17 thoughts on “Grandmother’s Wisdom

  1. “This is Hayekian-thinking. Social norms, traditions, rules-of-thumb — unwritten standards of interacting with each other — are filtered through an evolutionary crucible.”

    I think there are some cases where these norms were functional, so they get passed on but then they become non-functional (because the environment has changed) but people still hang on to them because they’ve been around for so long.

    The Old Testament (and Koran) injunction against pork strikes me as a good example. It became a good rule of thumb not to eat pork because people were dying of trichinosis. I’d argue that we’ve improved our food preparation and cooking processes enough (as well as our understanding of germs) that this once functional rule is (while very important as a religious rule to those who practice it) not particularly practical.

    This is not to completely disagree with you – I think that there is much to be gained from listening to people (and traditions) who have experience – but I also think that traditions sometimes become obsolete but are still held because they provide a sense of connection with the past.

  2. Wally has a great point, and I’d offer a complementary perspective.

    While it is probable that some pieces of ancient wisdom were only applicable to a particular time and place and no longer apply to us, there are many that we can afford to disregard only because we have become rich both in wealth and health. It behooves us to mark the difference, and to understand the surpluses we’ve inherited that let us afford to ignore particular wisdom.

    As Wally said, pork (trichinosis) is no longer a significant health hazard because we’ve managed the danger. It is possible that the world could change so much that it becomes a wisdom again to avoid pork. Similarly, single motherhood is no longer the guaranteed disaster of extreme poverty and hardship — we are wealthy and productive, so we see single mothers who make it, though it may still be difficult for them. A significant reduction in our general wealth could make it a much more difficult problem again, as it is in many poor countries.

    Probably the most important question I learned in my career is: “How do we pay for it?” I think that’s a bit of wisdom applicable to this particular consideration. It seems to me that we pay to ignore a particular truth through the wealth of our society. In our past and in poor societies today, they cannot afford to ignore those truths. Thus, the truths became ingrained as tradition, religion, or culture.

    Today, our scientific knowledge has helped abolish much of the superstition and ignorance associated with tradition, religion, and culture. Unfortunately, many have thrown out the wisdom as well, failing to grasp that maybe they’re only getting away with it because we are such a wealthy society.

    • Adam, I disagree.
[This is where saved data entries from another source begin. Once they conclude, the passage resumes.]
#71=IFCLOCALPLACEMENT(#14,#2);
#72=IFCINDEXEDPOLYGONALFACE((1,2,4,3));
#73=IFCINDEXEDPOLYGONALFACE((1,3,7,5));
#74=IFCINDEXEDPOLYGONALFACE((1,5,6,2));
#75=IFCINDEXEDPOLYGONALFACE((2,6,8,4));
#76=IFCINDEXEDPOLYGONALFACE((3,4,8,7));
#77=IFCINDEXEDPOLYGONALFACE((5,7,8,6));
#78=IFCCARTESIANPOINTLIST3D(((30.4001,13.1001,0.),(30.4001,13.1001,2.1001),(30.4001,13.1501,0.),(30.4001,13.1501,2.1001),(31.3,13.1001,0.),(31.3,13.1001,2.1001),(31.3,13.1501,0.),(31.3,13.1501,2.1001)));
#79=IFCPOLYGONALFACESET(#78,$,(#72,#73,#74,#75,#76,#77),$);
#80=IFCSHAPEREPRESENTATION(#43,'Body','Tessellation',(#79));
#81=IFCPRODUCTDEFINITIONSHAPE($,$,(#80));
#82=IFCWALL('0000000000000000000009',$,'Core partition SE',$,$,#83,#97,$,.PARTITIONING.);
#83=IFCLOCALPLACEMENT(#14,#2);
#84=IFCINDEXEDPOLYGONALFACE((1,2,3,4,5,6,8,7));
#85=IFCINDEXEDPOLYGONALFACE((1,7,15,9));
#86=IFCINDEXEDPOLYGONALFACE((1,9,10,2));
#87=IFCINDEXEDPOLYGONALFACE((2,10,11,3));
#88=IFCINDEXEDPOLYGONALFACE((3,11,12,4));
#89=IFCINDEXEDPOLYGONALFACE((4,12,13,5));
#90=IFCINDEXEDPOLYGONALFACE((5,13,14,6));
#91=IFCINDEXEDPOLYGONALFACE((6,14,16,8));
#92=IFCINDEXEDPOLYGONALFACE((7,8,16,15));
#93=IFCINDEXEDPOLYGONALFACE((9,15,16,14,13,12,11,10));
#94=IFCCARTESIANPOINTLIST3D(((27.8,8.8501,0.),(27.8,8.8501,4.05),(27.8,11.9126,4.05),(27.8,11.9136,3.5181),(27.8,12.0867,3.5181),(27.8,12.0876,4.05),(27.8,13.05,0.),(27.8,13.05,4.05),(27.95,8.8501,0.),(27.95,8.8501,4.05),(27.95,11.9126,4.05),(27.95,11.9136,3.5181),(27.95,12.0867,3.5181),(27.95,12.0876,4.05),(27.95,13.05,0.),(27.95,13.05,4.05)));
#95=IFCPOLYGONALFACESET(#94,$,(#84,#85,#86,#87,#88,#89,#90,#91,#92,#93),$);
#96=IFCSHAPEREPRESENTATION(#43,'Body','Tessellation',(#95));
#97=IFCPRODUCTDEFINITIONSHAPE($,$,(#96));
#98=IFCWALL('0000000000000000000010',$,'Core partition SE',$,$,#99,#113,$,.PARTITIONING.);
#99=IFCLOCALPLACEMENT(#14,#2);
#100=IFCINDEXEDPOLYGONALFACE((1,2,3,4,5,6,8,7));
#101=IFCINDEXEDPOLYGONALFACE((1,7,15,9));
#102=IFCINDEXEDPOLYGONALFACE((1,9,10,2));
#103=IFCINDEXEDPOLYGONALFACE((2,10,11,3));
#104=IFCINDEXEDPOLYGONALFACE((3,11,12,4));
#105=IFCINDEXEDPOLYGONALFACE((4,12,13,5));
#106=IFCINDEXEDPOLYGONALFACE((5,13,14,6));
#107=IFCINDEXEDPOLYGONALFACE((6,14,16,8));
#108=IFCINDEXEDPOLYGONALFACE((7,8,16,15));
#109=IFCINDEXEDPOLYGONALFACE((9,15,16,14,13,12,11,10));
While there are many examples of children of single mothers who have succeeded – Ben Carson comes to mind – single motherhood is the surest way to guarantee a life of poverty for a child. As you have stated the issue – or perhaps as I have interpreted your statement – single motherhood is not a problem because we have programs to subsidize these mothers. I think this is a short sighted approach. In the longer term, subsidizing these behaviors leads to more single mothers – unless the economic dictum “what you subsidize you get more of” is false.
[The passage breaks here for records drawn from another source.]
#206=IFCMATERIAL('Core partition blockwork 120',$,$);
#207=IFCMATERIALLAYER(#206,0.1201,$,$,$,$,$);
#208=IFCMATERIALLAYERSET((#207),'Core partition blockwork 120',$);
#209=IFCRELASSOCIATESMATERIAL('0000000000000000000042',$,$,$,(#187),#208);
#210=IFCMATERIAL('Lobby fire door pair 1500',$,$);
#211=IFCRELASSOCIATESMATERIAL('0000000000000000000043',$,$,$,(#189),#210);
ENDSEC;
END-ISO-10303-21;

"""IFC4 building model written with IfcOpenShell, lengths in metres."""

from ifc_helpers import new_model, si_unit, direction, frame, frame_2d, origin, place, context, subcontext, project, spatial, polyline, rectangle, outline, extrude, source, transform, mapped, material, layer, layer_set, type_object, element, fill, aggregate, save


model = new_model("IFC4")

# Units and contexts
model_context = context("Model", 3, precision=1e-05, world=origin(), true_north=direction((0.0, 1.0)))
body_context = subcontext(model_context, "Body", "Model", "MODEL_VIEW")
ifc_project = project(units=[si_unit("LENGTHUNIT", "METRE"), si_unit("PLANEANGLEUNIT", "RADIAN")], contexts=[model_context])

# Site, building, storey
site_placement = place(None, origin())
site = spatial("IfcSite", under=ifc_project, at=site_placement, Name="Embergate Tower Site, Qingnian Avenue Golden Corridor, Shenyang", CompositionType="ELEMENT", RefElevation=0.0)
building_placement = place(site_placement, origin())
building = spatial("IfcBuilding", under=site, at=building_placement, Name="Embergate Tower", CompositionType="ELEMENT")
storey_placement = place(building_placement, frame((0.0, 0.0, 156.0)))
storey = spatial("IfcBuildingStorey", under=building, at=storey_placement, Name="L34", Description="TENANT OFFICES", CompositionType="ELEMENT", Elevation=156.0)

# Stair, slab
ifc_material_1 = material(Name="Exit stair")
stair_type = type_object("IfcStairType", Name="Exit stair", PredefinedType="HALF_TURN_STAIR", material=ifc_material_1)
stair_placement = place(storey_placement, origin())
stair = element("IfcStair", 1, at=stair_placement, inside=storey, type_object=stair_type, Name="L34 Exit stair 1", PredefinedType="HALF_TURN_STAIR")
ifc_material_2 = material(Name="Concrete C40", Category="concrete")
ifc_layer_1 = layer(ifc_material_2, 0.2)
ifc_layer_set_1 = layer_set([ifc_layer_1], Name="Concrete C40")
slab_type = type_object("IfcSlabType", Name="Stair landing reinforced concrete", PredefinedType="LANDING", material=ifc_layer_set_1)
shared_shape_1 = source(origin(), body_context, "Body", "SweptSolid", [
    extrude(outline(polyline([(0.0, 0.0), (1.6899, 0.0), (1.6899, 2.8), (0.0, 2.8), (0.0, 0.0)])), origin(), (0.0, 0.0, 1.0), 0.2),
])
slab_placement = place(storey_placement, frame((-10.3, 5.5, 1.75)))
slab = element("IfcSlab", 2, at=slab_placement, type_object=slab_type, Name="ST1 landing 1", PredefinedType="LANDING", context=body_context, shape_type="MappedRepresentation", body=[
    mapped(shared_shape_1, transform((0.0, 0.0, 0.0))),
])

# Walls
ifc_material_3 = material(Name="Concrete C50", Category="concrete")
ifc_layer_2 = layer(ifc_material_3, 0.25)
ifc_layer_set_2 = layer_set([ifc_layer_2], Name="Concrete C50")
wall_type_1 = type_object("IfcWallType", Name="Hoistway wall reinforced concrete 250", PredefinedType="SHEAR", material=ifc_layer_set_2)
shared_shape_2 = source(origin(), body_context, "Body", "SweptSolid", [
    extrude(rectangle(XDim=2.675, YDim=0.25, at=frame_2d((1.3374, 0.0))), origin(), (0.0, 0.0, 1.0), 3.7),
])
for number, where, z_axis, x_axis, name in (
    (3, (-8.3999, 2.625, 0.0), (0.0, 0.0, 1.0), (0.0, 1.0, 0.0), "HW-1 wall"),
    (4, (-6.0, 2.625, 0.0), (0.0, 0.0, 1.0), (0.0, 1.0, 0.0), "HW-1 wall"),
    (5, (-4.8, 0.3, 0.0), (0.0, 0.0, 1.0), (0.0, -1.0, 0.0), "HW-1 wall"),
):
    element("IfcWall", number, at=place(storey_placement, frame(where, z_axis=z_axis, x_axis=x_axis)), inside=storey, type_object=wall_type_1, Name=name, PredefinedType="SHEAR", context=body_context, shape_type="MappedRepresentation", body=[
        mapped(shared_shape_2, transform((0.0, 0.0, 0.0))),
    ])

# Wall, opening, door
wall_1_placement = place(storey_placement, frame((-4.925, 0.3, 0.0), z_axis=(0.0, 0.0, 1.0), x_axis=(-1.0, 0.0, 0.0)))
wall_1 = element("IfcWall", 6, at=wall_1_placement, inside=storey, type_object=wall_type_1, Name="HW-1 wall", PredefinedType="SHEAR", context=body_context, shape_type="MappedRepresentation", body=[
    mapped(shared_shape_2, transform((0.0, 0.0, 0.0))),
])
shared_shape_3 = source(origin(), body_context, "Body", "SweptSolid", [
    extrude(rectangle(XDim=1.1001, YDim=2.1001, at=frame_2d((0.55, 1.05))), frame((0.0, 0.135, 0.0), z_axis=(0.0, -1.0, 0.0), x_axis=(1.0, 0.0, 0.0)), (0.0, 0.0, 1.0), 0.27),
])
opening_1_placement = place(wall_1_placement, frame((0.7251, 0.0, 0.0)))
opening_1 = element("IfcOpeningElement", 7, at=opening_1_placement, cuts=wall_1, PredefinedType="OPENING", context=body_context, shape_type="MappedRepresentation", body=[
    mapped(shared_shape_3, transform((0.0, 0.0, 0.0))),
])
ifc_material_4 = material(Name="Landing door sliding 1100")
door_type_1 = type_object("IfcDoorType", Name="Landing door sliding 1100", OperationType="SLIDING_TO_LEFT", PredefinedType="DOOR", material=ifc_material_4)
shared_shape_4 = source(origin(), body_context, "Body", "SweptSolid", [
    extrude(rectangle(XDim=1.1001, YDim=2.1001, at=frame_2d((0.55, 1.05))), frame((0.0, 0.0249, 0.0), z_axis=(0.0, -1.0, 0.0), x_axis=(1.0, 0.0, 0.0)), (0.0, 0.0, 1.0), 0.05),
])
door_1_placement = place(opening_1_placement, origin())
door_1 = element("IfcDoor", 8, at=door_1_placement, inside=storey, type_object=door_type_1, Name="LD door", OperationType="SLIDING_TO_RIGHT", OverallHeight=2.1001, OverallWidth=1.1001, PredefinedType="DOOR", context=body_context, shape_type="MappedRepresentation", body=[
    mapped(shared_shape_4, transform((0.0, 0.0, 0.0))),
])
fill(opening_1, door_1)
      If you look at your statement – ” single motherhood is no longer the guaranteed disaster of extreme poverty and hardship” – from the perspective of incentives and the entire population, it says that we have removed the disincentive women once had from having out of wedlock babies. While it may be true in RELATIVE terms that fatherless children have a slightly better chance to succeed than in the past, in ABSOLUTE terms there are far more fatherless children than before. The net result – particularly in the black community – is that in absolute terms we have more children who face lives of poverty and hardship.

      • Mike, thanks for the response and I agree with most of your excellent points. I chose single motherhood deliberately because I think it illustrates a negative impact of our societal wealth in a very direct and measurable way. One part of your comment that I must take issue with: “While it may be true in RELATIVE terms that fatherless children have a slightly better chance to succeed than in the past…”

        My position is that fatherless children have a MUCH MUCH better chance of making it than they have in the past. I feel that I made my point poorly and will try to clarify. Part of the problem is my idea of “extreme poverty” is probably very different from most Americans’. When I say “disaster of extreme poverty and hardship”, I’m talking about people who become so desperate that they would cut off limbs and deliberately maim themselves in order to increase their charitable appeal and thus their chances for survival. I’ve seen a mother die of starvation with babe-in-arms on the side of the road followed shortly by their bodies being eaten by wild dogs and vultures. There’s a very personal and visceral difference between hearing these kinds of stories and actually living through the experience.

        It’s hard to imagine now, but there were times/places when suicide was generally preferable to being a single mother. Frequently neither the single mother nor the child would be expected survive to the child’s adulthood. The single mother could not produce enough and society could not provide enough charity to ensure their survival. In this environment, no person would choose to become a single mother. No family could possibly permit their daughters to become single mothers — it was practically a death sentence. Concepts of family honor that we hear about in the news arose from millennia of this type of poverty.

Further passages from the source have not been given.